Bland also made an obelisk with a medallion portrait of King Charles II on the pedestal, to commemorate his halt at Black Dub in 1650 (3) and he set up a stone to mark the place where Joseph Addison’s forefathers had lived. In 1842 he carved the statue of Britannia and bas-reliefs on the octagonal column erected at Shap Wells Spa, Westmorland, to commemorate Queen Victoria’s accession (1).

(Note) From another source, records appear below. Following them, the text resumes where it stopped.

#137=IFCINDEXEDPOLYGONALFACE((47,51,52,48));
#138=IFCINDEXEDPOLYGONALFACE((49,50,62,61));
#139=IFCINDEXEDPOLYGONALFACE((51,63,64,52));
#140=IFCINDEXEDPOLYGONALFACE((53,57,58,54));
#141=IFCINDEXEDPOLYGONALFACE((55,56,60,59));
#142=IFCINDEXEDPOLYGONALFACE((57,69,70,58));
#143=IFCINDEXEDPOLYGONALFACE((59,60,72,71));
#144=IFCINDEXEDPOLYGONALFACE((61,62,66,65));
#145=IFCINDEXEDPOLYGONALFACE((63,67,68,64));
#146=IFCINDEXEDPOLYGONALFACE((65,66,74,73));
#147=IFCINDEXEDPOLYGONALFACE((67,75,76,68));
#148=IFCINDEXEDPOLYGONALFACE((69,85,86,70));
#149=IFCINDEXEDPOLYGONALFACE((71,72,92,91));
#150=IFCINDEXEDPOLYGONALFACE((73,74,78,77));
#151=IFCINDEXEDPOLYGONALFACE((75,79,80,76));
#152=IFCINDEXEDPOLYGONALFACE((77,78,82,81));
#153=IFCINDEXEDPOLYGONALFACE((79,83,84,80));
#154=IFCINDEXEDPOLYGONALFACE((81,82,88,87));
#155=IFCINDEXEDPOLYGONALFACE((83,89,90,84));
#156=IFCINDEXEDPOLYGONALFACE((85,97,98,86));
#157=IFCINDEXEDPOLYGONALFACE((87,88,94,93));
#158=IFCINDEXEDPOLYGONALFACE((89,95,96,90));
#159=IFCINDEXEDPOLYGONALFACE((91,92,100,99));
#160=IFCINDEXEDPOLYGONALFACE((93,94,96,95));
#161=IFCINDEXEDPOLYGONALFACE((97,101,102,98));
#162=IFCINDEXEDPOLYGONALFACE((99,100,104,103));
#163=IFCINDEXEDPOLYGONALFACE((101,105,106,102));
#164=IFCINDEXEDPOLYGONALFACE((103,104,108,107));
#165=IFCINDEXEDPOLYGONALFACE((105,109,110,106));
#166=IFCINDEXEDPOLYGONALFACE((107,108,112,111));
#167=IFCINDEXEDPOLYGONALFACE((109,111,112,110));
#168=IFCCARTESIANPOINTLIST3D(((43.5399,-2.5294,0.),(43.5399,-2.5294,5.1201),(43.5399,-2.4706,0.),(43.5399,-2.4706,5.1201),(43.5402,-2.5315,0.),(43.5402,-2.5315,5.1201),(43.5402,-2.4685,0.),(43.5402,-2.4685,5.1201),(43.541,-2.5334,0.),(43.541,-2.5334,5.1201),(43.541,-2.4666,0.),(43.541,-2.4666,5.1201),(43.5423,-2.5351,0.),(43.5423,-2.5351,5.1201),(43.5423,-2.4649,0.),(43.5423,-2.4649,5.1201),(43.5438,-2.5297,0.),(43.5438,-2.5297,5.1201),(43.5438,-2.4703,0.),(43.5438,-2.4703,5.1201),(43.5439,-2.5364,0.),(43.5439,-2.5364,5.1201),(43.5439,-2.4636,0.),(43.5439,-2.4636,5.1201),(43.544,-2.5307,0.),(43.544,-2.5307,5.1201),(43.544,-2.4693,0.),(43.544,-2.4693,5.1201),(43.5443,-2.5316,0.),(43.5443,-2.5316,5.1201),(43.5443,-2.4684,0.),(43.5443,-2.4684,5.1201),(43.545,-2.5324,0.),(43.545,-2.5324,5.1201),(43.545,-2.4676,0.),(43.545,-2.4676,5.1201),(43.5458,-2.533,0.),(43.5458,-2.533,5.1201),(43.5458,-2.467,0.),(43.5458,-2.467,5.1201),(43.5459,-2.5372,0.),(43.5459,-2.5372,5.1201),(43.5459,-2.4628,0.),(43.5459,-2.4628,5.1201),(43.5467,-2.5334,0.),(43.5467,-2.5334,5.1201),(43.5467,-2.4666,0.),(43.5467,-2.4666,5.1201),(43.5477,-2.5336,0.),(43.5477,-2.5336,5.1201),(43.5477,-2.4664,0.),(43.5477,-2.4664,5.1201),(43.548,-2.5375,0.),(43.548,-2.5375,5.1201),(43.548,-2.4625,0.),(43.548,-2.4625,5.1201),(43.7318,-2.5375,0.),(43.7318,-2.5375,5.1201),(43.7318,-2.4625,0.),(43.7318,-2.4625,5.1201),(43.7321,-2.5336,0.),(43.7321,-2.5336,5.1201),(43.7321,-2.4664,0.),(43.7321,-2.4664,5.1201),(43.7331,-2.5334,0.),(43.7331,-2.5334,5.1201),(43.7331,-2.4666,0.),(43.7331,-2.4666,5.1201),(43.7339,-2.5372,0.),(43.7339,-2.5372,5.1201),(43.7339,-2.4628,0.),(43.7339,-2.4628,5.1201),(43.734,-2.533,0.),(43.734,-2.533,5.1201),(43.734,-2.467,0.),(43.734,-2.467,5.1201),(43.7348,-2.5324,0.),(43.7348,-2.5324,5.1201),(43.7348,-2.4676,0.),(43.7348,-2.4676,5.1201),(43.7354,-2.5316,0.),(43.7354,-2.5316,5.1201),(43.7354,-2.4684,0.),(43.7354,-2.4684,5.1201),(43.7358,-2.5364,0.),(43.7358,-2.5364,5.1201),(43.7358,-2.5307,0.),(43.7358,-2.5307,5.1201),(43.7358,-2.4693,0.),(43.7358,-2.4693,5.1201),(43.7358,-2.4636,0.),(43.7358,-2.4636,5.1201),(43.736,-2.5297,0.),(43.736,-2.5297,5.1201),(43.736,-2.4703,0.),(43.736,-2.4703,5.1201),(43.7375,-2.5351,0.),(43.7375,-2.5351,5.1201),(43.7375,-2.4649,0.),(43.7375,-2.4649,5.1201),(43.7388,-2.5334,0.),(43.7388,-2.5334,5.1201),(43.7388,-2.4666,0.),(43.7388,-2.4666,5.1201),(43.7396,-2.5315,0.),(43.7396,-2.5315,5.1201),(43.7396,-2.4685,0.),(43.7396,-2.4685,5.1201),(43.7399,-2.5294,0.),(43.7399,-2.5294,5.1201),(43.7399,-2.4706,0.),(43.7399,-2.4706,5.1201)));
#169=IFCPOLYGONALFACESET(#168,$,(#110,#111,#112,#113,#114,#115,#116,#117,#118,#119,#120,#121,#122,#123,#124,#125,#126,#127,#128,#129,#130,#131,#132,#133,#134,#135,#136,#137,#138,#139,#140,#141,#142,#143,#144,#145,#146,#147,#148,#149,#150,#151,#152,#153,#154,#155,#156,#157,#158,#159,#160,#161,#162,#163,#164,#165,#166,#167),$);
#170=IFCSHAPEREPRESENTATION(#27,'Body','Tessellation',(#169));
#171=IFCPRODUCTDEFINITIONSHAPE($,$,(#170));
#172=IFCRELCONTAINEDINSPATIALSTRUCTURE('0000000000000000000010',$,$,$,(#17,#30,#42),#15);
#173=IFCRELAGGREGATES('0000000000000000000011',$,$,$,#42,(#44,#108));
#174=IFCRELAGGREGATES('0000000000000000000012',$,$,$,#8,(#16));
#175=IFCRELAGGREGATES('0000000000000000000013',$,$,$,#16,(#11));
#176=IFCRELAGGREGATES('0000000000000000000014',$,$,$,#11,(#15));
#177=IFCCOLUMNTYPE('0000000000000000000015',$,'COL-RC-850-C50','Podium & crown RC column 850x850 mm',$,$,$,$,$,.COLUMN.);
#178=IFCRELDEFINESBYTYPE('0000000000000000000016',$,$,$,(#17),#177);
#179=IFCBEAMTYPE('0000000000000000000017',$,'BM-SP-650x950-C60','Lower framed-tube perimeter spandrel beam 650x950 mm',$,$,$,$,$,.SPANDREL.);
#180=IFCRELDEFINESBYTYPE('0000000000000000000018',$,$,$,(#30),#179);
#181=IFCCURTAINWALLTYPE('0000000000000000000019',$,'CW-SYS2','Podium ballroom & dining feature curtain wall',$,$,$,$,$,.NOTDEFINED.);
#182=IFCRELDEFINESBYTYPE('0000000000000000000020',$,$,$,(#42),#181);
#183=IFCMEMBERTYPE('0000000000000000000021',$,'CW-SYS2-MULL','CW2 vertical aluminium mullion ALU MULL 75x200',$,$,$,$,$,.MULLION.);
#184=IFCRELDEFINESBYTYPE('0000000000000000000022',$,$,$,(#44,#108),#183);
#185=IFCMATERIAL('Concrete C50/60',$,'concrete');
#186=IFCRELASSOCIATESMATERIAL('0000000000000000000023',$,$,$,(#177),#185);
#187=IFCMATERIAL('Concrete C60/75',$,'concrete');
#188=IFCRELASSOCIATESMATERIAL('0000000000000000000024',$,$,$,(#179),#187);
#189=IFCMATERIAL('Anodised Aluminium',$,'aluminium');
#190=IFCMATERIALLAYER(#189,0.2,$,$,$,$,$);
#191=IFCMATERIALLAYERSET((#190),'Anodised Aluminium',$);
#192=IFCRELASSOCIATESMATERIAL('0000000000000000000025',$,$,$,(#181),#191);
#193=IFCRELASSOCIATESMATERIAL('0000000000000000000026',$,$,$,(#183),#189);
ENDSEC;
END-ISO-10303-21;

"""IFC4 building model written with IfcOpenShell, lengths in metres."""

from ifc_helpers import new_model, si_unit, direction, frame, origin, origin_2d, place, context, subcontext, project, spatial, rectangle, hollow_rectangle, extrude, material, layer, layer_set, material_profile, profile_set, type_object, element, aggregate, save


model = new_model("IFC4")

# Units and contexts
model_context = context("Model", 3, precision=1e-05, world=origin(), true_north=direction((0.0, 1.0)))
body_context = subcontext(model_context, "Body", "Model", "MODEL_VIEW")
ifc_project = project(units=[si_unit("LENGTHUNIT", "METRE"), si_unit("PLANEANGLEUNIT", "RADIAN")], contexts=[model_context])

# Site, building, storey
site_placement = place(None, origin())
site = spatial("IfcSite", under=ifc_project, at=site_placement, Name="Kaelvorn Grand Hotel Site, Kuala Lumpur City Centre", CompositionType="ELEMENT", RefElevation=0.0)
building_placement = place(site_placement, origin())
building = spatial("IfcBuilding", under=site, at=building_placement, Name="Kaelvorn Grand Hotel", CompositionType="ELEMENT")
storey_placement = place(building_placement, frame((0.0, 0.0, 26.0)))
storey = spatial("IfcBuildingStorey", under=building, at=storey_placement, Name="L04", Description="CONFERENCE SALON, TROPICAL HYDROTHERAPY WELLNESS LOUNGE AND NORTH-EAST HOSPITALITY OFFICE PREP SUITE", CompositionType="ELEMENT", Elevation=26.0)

The north panel has a palm and olive wreath, emblematic of peace and plenty, surmounted by the Lowther arms, while the east panel presents the British lion, with its paw resting on a globe. On the east side is a relief of the goddess Hygeia, pouring medicinal waters from a goblet into a shell held by an aged invalid. A local guide published soon after noted that Bland was a self-taught sculptor and that he had donated the statue and reliefs (Westmorland 1851, 223). The sculptor celebrated the anniversary of the Queen’s accession each year by opening his garden to the public and engaging a band for the occasion.
Bland had at least one opportunity to further his artistic career: David Cox the Younger, impressed by some of his drawings, wished to introduce him to the London art world, but Bland was not interested in fame and the offer came to nothing. He died unmarried in September 1865.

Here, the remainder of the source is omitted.